To understand how this nuclease could eliminate wasp eggs, UC Berkeley researchers contacted István Andó at the Institute of Genetics, HUN-REN Biological Research Centre in Szeged, Hungary, who had previously shown that these same flies employ a cellular defense mechanism to isolate wasp eggs and exterminate them. Andó’s team created antibodies for the toxin to trace its distribution within the fly’s body, discovering that the nuclease surrounds and destroys the wasp egg.
“We have uncovered an enormous, previously untapped universe of humoral immune factors that may contribute to the immune systems of invertebrates,” Tarnopol stated. “Our research is one of the first to demonstrate that this type of immune response might be a common strategy against natural enemies like wasps and nematodes, which often pose a greater threat than many typical microbial infections studied.”
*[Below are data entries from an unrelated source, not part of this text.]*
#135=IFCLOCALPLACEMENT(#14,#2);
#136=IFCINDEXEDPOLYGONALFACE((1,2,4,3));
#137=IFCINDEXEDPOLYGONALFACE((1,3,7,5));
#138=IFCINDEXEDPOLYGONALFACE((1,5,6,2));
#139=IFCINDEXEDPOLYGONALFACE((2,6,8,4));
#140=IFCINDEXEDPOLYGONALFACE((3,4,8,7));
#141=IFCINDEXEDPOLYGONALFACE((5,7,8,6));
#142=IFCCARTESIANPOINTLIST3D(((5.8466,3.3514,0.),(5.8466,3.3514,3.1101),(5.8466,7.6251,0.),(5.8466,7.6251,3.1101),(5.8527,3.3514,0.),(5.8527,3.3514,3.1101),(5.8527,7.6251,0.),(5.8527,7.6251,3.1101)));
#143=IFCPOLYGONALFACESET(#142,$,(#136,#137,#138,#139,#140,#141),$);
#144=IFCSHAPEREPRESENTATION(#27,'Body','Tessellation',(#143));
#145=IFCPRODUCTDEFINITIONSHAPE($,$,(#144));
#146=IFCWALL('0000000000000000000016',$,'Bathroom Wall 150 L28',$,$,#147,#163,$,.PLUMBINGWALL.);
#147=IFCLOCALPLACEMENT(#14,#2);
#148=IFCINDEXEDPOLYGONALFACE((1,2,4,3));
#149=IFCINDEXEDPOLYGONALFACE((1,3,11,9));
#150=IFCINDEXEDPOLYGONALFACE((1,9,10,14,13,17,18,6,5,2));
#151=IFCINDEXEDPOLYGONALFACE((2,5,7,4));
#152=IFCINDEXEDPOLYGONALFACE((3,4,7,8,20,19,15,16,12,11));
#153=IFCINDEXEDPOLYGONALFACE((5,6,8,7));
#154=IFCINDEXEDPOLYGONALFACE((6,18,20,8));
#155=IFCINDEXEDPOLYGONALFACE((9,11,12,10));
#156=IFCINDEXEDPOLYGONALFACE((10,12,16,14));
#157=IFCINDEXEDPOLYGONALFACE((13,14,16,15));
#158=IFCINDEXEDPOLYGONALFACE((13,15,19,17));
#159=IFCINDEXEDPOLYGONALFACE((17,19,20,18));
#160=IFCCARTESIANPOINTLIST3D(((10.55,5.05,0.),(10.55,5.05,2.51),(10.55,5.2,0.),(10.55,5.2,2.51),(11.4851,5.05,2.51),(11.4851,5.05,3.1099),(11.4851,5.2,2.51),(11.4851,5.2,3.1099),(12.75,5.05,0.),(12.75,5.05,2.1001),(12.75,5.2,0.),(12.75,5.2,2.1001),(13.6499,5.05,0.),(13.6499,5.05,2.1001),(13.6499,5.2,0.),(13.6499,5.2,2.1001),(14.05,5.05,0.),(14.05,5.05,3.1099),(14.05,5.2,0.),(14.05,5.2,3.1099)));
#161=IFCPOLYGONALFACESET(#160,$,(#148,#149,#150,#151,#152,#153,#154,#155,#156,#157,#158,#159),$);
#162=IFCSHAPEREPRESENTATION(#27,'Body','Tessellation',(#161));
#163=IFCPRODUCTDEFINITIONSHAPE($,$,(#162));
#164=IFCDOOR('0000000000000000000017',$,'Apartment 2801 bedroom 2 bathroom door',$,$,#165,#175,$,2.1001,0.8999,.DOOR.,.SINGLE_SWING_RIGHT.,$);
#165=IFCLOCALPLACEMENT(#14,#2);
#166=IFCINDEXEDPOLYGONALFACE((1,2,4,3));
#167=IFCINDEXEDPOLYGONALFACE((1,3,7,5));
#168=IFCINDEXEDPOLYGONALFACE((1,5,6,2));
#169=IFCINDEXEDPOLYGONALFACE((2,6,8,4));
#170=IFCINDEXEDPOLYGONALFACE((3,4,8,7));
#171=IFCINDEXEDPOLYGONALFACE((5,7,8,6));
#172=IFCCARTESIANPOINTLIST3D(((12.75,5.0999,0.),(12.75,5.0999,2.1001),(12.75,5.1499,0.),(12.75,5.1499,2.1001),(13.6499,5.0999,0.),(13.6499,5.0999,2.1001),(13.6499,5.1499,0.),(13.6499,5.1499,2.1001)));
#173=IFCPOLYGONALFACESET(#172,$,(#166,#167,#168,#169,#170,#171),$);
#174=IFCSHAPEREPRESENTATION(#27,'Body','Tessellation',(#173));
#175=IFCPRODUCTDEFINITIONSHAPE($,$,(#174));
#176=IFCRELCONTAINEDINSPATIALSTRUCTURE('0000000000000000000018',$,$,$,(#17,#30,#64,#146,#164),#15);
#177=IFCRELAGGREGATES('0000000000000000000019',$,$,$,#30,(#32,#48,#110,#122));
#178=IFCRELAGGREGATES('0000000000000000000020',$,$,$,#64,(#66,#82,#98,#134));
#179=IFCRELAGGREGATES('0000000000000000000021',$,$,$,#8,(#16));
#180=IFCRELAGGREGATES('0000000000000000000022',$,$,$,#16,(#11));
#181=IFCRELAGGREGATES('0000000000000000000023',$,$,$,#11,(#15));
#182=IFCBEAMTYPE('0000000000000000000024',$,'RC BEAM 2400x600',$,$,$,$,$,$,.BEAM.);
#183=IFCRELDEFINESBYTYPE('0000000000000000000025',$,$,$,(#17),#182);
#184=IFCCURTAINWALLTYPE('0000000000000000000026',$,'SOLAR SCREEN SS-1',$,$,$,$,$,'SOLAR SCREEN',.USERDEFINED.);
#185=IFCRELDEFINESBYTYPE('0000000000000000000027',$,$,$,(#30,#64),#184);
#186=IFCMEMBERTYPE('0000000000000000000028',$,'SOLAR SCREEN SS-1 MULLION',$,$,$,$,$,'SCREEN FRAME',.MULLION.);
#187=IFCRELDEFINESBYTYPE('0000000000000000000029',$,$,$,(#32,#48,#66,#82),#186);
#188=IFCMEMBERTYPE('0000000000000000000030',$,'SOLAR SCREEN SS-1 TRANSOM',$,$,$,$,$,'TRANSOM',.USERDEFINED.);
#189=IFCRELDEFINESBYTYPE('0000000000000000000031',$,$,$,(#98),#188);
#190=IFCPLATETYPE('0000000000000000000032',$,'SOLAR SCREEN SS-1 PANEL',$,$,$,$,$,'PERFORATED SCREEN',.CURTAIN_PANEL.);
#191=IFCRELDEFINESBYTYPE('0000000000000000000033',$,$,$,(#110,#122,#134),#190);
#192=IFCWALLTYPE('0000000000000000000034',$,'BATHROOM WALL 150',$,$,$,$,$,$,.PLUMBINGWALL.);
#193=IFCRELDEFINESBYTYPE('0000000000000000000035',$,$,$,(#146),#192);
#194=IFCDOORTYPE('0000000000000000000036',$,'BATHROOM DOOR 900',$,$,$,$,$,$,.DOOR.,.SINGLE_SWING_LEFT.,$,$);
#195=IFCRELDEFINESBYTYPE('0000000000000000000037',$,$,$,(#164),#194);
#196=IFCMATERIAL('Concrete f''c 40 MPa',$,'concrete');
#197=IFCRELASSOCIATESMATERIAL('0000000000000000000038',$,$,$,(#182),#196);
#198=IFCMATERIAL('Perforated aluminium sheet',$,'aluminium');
Whiteman and his colleagues continue to investigate the complex interactions between flies and wasps and the genetic and cellular adaptations that enable the flies to produce a toxin without harming themselves.
“If the gene is activated inappropriately, the fly is doomed. It will never propagate through populations by natural selection,” Whiteman explained. “However, if it integrates into a favorable part of the genome near an enhancer or regulatory sequence allowing slight expression in fat body tissues, you can easily understand how it gives the fly a significant advantage.”
The challenges of horizontal gene transfer apply to any organism, but in the predator-prey conflict, such adaptations may be invaluable.
“For a defenseless little fruit fly, how can you confront these swiftly evolving threats?” he asked. “One effective method is to adopt genes from rapidly changing bacteria and viruses. This clever tactic circumvents the wait for one’s own genes to provide assistance, opting instead to utilize those from other organisms that adapt more quickly. This phenomenon appears to have occurred multiple times independently in insects, as numerous species have acquired this gene. It paints a picture of a fresh dynamism at work, even within animals possessing only innate immune systems devoid of adaptive immunity.”
Whiteman’s work received funding from the National Institute of General Medical Sciences at the NIH (R35GM119816). Co-authors of the paper include Josephine Tamsil, Ji Heon Ha, Kirsten Verster, Susan Bernstein of UC Berkeley, Gyöngyi Cinege, Edit Ábrahám, Lilla B. Magyar, and Zoltán Lipinszki of Hungary, along with Bernard Kim of Stanford University.